Ein 26-Jähriger setzt mit einer unfassbaren Tat ganz Japan unter Schock: In einem Behindertenheim nahe Tokio sticht er mit Messern auf Bewohner ein. Seine Attacke soll er bereits im Februar in einem Brief an das Parlament angekündigt haben.

Sagamihara - In einem Behindertenheim in Japan hat ein früherer Mitarbeiter mindestens 19 Menschen mit Messern getötet. Während seines etwa 40-minütigen Amoklaufes verletzte der Mann am frühen Dienstagmorgen in dem Heim in Sagamihara rund 50 Kilometer westlich von Tokio mindestens 25 weitere Bewohner, 20 davon schwer, wie die Behörden mitteilten. Zwei Stunden später stellte sich der 26-Jährige der Polizei. Als mögliches Motiv gilt Hass, aber auch Rache wegen seiner Entlassung aus dem Heim.

 

In einem Brief an das japanische Parlament hatte der Mann im Februar die Tat angekündigt. Unklar blieb zunächst, ob er das Schreiben wie beabsichtigt dem Präsidenten des Unterhauses überreichen konnte. Der Nachrichtenagentur Kyodo zufolge ging der Brief an die Polizei in Tokio und die Polizei in dem Ort, wo der Mann wohnte, wurde über die Drohungen informiert. Der Verdächtige hatte im Schreiben seinen genauen Namen, Adresse und Telefonnummer hinterlassen. Doch offenbar geschah danach nichts. Der Gouverneur der Präfektur Kanagawa, Yuji Kuroiwa, entschuldigte sich am Dienstag dafür, nicht auf die Warnsignale reagiert zu haben.

Attacken auf Heime geplant

In dem Schreiben, das Kyodo jetzt nachdruckte, verlangte der Mann, dass alle Behinderten mit Methoden der Sterbehilfe getötet werden sollten. Zudem brüstete er sich in den Zeilen damit, er habe die Fähigkeit, 470 Behinderte zu töten und plane Attacken auf zwei Heime.

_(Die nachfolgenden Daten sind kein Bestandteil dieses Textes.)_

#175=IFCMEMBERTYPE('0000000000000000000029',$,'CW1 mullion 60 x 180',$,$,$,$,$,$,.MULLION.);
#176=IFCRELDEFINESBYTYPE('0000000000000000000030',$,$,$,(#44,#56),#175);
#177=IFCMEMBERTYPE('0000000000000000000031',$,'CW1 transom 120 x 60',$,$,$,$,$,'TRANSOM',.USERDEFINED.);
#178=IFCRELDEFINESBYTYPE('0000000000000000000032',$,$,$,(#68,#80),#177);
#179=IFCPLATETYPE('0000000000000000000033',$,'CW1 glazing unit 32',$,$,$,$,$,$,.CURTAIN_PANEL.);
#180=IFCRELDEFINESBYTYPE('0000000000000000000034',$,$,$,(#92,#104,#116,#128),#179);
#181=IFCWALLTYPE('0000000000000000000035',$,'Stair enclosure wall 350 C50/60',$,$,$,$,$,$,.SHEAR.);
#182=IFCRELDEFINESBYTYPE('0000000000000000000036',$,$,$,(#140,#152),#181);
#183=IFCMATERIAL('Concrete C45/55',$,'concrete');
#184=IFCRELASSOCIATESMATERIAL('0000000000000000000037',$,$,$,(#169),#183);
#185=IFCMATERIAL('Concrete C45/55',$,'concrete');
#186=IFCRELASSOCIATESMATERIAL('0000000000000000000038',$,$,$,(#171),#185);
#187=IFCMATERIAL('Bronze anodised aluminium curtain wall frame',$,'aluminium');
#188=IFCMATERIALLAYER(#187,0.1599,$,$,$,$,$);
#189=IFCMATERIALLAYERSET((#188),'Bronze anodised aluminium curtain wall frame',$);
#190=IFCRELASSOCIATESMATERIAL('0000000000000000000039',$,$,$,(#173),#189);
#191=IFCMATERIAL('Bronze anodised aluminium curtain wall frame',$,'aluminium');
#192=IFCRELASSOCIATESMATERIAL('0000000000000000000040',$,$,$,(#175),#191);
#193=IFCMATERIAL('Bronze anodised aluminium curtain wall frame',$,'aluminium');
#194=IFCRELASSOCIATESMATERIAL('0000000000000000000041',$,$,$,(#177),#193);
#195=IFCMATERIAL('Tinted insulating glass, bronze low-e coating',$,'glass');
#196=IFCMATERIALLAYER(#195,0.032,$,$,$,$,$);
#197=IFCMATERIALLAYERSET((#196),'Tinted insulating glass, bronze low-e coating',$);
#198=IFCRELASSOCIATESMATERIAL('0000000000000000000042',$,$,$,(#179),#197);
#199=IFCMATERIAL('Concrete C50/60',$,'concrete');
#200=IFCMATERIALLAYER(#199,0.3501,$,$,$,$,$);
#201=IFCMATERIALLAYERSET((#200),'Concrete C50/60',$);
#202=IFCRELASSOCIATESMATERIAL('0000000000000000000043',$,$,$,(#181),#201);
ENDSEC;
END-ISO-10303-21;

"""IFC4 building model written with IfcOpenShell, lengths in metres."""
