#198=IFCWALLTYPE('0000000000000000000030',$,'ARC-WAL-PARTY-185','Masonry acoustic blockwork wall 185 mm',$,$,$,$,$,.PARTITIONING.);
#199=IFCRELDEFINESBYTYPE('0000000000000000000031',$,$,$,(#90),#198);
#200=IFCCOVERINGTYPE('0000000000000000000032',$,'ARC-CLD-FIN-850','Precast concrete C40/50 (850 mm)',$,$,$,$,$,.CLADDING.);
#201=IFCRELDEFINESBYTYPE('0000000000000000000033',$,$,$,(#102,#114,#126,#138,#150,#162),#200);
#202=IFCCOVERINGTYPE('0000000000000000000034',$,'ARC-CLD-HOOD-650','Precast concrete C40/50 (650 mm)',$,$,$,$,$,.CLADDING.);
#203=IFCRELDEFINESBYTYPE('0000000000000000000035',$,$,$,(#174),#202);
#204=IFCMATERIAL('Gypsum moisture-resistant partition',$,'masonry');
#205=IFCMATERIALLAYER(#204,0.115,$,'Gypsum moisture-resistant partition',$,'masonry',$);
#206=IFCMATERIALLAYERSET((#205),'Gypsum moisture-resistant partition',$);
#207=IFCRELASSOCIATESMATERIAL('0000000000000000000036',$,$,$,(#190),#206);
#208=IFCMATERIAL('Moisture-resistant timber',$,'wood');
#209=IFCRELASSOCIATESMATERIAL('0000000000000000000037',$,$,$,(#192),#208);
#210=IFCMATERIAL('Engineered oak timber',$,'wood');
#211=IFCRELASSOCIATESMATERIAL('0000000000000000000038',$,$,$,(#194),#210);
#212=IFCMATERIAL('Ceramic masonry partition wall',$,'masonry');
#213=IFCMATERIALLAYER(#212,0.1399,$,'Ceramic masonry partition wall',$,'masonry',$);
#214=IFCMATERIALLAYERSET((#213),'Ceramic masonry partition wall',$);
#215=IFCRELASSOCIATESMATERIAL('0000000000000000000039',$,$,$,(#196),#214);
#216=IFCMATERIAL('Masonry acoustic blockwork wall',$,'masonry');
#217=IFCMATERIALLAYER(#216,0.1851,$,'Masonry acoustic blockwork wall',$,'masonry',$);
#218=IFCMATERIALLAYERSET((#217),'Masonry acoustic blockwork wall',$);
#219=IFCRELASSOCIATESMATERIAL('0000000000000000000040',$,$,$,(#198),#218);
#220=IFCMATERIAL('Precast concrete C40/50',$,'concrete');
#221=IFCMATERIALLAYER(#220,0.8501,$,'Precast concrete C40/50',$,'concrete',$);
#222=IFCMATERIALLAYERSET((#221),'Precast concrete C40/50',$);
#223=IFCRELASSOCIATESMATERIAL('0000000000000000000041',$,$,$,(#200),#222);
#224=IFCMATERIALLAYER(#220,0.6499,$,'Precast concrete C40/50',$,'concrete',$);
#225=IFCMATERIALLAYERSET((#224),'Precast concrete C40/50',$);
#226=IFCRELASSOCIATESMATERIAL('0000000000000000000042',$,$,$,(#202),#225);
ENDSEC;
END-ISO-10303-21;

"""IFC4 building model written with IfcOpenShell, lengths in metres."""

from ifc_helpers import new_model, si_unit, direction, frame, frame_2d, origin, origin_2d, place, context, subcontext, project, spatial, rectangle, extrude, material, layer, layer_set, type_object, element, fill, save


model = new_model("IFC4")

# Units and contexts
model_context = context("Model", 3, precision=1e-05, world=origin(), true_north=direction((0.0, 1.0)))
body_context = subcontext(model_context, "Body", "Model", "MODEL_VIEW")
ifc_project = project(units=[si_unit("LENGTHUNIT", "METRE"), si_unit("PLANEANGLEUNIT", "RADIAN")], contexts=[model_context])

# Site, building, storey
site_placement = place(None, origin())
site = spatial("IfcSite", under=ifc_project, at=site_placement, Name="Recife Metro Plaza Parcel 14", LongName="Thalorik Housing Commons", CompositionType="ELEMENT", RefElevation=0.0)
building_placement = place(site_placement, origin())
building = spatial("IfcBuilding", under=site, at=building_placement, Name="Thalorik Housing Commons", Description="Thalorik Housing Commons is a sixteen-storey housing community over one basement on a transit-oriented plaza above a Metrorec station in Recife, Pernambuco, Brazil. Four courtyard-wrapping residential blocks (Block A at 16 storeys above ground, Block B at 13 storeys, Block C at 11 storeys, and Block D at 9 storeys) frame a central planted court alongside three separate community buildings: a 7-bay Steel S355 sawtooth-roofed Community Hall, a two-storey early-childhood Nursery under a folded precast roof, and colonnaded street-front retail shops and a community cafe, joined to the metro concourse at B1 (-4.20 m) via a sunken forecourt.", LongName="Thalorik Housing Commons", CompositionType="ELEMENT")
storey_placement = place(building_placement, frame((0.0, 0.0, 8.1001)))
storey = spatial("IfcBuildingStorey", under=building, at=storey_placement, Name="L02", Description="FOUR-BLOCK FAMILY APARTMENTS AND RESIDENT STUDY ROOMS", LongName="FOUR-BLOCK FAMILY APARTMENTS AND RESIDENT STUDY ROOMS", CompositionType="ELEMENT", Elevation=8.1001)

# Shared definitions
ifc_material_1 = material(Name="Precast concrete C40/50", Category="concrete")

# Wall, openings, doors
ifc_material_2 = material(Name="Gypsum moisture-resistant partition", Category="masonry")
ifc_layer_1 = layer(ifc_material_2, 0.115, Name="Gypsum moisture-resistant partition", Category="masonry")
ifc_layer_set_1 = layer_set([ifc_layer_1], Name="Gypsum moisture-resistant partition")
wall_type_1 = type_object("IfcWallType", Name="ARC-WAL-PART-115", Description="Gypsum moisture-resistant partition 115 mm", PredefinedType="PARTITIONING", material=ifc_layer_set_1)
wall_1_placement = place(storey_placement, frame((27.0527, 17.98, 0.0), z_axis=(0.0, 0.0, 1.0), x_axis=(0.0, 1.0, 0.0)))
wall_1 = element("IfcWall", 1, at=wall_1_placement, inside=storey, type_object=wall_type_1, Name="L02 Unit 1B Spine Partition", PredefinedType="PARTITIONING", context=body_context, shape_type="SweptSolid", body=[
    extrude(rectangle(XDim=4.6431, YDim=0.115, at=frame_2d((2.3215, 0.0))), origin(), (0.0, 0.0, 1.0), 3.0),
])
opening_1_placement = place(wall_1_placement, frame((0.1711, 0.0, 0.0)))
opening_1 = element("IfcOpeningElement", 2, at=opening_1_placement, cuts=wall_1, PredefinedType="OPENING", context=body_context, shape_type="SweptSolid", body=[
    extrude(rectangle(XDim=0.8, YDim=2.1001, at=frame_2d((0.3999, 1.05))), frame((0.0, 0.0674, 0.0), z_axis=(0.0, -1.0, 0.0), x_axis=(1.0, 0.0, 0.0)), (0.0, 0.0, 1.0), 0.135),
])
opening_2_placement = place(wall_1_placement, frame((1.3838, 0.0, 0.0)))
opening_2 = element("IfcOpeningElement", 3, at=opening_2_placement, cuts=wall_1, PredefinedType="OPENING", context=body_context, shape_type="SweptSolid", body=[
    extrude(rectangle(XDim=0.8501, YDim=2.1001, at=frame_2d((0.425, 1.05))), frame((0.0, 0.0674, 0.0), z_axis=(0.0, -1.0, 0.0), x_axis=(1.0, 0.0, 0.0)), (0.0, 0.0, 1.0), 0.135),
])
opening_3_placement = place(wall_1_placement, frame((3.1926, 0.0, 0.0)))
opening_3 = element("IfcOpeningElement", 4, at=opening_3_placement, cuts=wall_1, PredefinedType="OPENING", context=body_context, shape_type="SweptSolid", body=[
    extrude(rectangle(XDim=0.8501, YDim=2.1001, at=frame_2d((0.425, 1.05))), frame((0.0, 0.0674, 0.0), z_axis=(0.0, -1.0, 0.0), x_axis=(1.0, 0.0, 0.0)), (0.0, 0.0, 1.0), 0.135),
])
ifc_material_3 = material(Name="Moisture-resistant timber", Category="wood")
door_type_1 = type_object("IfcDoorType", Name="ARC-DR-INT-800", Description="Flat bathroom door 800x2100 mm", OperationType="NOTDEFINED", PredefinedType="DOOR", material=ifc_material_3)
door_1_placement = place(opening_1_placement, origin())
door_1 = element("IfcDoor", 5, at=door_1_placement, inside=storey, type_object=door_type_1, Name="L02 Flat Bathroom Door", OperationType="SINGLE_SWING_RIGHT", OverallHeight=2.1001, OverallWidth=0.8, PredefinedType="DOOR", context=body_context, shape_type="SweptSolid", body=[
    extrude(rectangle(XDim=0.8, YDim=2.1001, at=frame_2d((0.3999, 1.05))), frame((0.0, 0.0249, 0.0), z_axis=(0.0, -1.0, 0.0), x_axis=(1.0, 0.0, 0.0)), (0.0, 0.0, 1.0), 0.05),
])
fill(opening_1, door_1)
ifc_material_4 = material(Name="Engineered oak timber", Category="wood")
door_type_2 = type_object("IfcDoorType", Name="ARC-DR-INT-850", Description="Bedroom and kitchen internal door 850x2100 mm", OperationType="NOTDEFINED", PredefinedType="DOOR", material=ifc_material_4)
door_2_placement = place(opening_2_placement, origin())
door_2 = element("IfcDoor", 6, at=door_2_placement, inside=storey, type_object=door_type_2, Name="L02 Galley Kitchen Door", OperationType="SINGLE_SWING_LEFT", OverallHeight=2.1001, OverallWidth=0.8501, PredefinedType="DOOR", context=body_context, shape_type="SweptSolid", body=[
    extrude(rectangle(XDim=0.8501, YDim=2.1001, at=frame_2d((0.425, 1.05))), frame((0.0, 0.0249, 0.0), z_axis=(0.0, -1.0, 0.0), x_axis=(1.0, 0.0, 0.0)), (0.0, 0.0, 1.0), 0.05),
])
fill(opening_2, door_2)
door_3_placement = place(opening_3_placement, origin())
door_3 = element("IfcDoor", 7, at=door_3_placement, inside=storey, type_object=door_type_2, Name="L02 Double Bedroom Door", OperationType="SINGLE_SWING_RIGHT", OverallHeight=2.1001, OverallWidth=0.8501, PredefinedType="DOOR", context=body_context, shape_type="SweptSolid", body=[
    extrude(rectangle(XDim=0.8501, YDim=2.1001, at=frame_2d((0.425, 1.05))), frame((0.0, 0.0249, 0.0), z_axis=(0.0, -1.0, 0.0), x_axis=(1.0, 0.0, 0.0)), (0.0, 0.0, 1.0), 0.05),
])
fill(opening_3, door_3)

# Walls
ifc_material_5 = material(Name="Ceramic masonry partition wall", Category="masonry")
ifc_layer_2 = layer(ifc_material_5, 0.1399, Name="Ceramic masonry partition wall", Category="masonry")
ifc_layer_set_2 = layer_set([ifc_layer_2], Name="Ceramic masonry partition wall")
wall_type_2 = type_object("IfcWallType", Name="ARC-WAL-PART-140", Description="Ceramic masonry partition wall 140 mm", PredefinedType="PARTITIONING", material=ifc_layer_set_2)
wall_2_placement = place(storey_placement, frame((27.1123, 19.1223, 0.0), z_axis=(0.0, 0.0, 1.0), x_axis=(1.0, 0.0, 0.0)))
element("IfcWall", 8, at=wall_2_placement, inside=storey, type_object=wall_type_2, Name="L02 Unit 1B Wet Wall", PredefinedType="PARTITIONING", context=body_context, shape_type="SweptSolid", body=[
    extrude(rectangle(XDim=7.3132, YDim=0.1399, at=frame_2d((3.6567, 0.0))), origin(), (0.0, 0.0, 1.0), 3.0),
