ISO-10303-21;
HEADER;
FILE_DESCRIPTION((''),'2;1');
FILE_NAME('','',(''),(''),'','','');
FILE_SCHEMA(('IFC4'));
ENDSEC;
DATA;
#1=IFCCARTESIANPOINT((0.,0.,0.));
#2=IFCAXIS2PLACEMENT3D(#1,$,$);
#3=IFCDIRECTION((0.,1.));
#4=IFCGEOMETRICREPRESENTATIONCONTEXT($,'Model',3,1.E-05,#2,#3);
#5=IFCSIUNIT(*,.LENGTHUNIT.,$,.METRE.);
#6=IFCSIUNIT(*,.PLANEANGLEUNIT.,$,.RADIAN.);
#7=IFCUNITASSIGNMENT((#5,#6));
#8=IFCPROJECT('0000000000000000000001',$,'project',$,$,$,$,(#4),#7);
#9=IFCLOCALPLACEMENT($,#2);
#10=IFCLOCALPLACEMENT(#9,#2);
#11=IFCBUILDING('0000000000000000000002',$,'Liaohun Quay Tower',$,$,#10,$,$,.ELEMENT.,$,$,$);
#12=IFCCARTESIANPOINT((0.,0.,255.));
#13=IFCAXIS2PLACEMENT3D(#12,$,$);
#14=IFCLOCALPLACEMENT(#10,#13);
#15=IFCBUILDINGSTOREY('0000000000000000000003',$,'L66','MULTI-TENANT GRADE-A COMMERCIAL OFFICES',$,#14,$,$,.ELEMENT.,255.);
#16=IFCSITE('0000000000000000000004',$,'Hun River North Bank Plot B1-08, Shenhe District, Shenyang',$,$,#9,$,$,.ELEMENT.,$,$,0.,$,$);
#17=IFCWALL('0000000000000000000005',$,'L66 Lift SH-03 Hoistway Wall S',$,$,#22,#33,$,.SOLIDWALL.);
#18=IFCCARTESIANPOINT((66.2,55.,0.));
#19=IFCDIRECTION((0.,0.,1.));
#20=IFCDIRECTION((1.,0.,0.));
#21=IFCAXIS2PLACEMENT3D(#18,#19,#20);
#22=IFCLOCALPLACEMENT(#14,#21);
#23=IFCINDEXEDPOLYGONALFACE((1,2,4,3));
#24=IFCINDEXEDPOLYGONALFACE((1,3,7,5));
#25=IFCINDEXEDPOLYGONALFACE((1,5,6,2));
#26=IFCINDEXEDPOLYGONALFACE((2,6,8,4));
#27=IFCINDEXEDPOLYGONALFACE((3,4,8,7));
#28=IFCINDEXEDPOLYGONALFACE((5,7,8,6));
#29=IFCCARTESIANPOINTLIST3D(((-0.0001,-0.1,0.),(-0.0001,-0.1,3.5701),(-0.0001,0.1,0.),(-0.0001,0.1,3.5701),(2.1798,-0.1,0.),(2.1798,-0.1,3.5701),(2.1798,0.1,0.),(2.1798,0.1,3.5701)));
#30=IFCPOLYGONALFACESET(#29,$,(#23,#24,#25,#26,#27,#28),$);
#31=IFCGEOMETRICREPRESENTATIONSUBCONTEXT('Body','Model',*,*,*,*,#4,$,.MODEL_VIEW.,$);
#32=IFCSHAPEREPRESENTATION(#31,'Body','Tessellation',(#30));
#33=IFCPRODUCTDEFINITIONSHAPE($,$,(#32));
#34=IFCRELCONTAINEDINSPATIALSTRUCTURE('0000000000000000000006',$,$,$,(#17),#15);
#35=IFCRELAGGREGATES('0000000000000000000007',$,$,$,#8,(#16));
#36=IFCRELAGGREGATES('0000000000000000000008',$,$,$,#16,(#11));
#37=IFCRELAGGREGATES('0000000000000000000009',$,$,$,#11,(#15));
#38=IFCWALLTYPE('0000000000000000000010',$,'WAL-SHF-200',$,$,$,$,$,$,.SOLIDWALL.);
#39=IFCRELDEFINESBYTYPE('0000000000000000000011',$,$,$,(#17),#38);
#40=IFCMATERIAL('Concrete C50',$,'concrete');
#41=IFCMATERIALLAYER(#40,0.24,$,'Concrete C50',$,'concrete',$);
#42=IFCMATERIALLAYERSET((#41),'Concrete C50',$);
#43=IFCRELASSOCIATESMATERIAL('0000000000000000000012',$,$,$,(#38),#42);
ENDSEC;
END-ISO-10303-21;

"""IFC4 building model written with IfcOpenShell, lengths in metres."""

from ifc_helpers import new_model, si_unit, direction, frame, frame_2d, origin, place, context, subcontext, project, spatial, rectangle, extrude, material, layer, layer_set, type_object, element, save


model = new_model("IFC4")

# Units and contexts
model_context = context("Model", 3, precision=1e-05, world=origin(), true_north=direction((0.0, 1.0)))
body_context = subcontext(model_context, "Body", "Model", "MODEL_VIEW")
ifc_project = project(units=[si_unit("LENGTHUNIT", "METRE"), si_unit("PLANEANGLEUNIT", "RADIAN")], contexts=[model_context])

# Site, building, storey
site_placement = place(None, origin())
site = spatial("IfcSite", under=ifc_project, at=site_placement, Name="Hun River North Bank Plot B1-08, Shenhe District, Shenyang", CompositionType="ELEMENT", RefElevation=0.0)
building_placement = place(site_placement, origin())
building = spatial("IfcBuilding", under=site, at=building_placement, Name="Liaohun Quay Tower", CompositionType="ELEMENT")
storey_placement = place(building_placement, frame((0.0, 0.0, 255.0)))
storey = spatial("IfcBuildingStorey", under=building, at=storey_placement, Name="L66", Description="MULTI-TENANT GRADE-A COMMERCIAL OFFICES", CompositionType="ELEMENT", Elevation=255.0)

# Shared definitions
ifc_material_1 = material(Name="Concrete C50", Category="concrete")
ifc_layer_1 = layer(ifc_material_1, 0.24, Name="Concrete C50", Category="concrete")
ifc_layer_set_1 = layer_set([ifc_layer_1], Name="Concrete C50")
wall_type_1 = type_object("IfcWallType", Name="WAL-SHF-200", PredefinedType="SOLIDWALL", material=ifc_layer_set_1)

# Wall
wall_1_placement = place(storey_placement, frame((66.2, 55.0, 0.0), z_axis=(0.0, 0.0, 1.0), x_axis=(1.0, 0.0, 0.0)))
element("IfcWall", 1, at=wall_1_placement, inside=storey, type_object=wall_type_1, Name="L66 Lift SH-03 Hoistway Wall S", PredefinedType="SOLIDWALL", context=body_context, shape_type="SweptSolid", body=[
    extrude(rectangle(XDim=2.1799, YDim=0.2, at=frame_2d((1.0898, 0.0))), origin(), (0.0, 0.0, 1.0), 3.5701),
])

save(model, "model.ifc")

Der Tatverdächtige hatte seit 2012 in dem Heim für geistig Behinderte gearbeitet und war erst im Februar aus zunächst nicht bekannten Gründen entlassen worden. In einem Medienbericht wurde möglicher Frust über seine Entlassung aber auch Hass als Motiv für sein Handeln genannt. Ein Nachbar sagte, er habe zunächst Ärger in dem Heim gehabt, weil er ein Tattoo getragen habe.

Aus dem Umfeld des Heimes hieß es, der Mann sei höflich und aufrecht gewesen. Doch irgendwann soll er damit begonnen haben, in seinem Bekanntenkreise zu erzählen, dass Behinderte getötet werden sollten. Der Kriminologe Yasuyuki Deguchi sagte, sein Verhalten sei typisch für einen, der Groll gegen etwas hege und Vergeltung suche, um sich dann der Polizei zu stellen. „Dieses Ziel (der Rache) zu erreichen, ist alles, was er wollte“, sagte der Experte dem TV-Sender Asahi.

Frühe Morgenstunden genutzt

Zum Tatort soll Satoshi U. mit einem schwarzen Auto gefahren sein, in dem sich mehrere Messer befanden. Er habe die frühen Morgenstunden genutzt, in denen sich wenig Personal in dem Heim aufhält. Durch ein eingeschlagenes Fenster sei er in den ersten Stock vorgedrungen, so die Behörden. Gegen 2.30 Uhr (Ortszeit) ging demnach ein Notruf eines Angestellten der Einrichtung bei der Polizei ein.

Rund zwei Stunden nach dem ersten Notruf tauchte laut Polizei ein Mann auf einer Wache auf, der sich als Tatverdächtiger zu erkennen gab. Er wurde festgenommen.

Die Regierung in Tokio zeigte sich erschüttert über die Tat. Die Behörden arbeiteten hart daran, im Rahmen der Ermittlungen „das ganze Bild“ zu erfassen, sagte ein Regierungssprecher. Gewaltverbrechen sind in Japan relativ selten. Wegen der strikten Waffengesetze greifen Täter normalerweise zu Messern.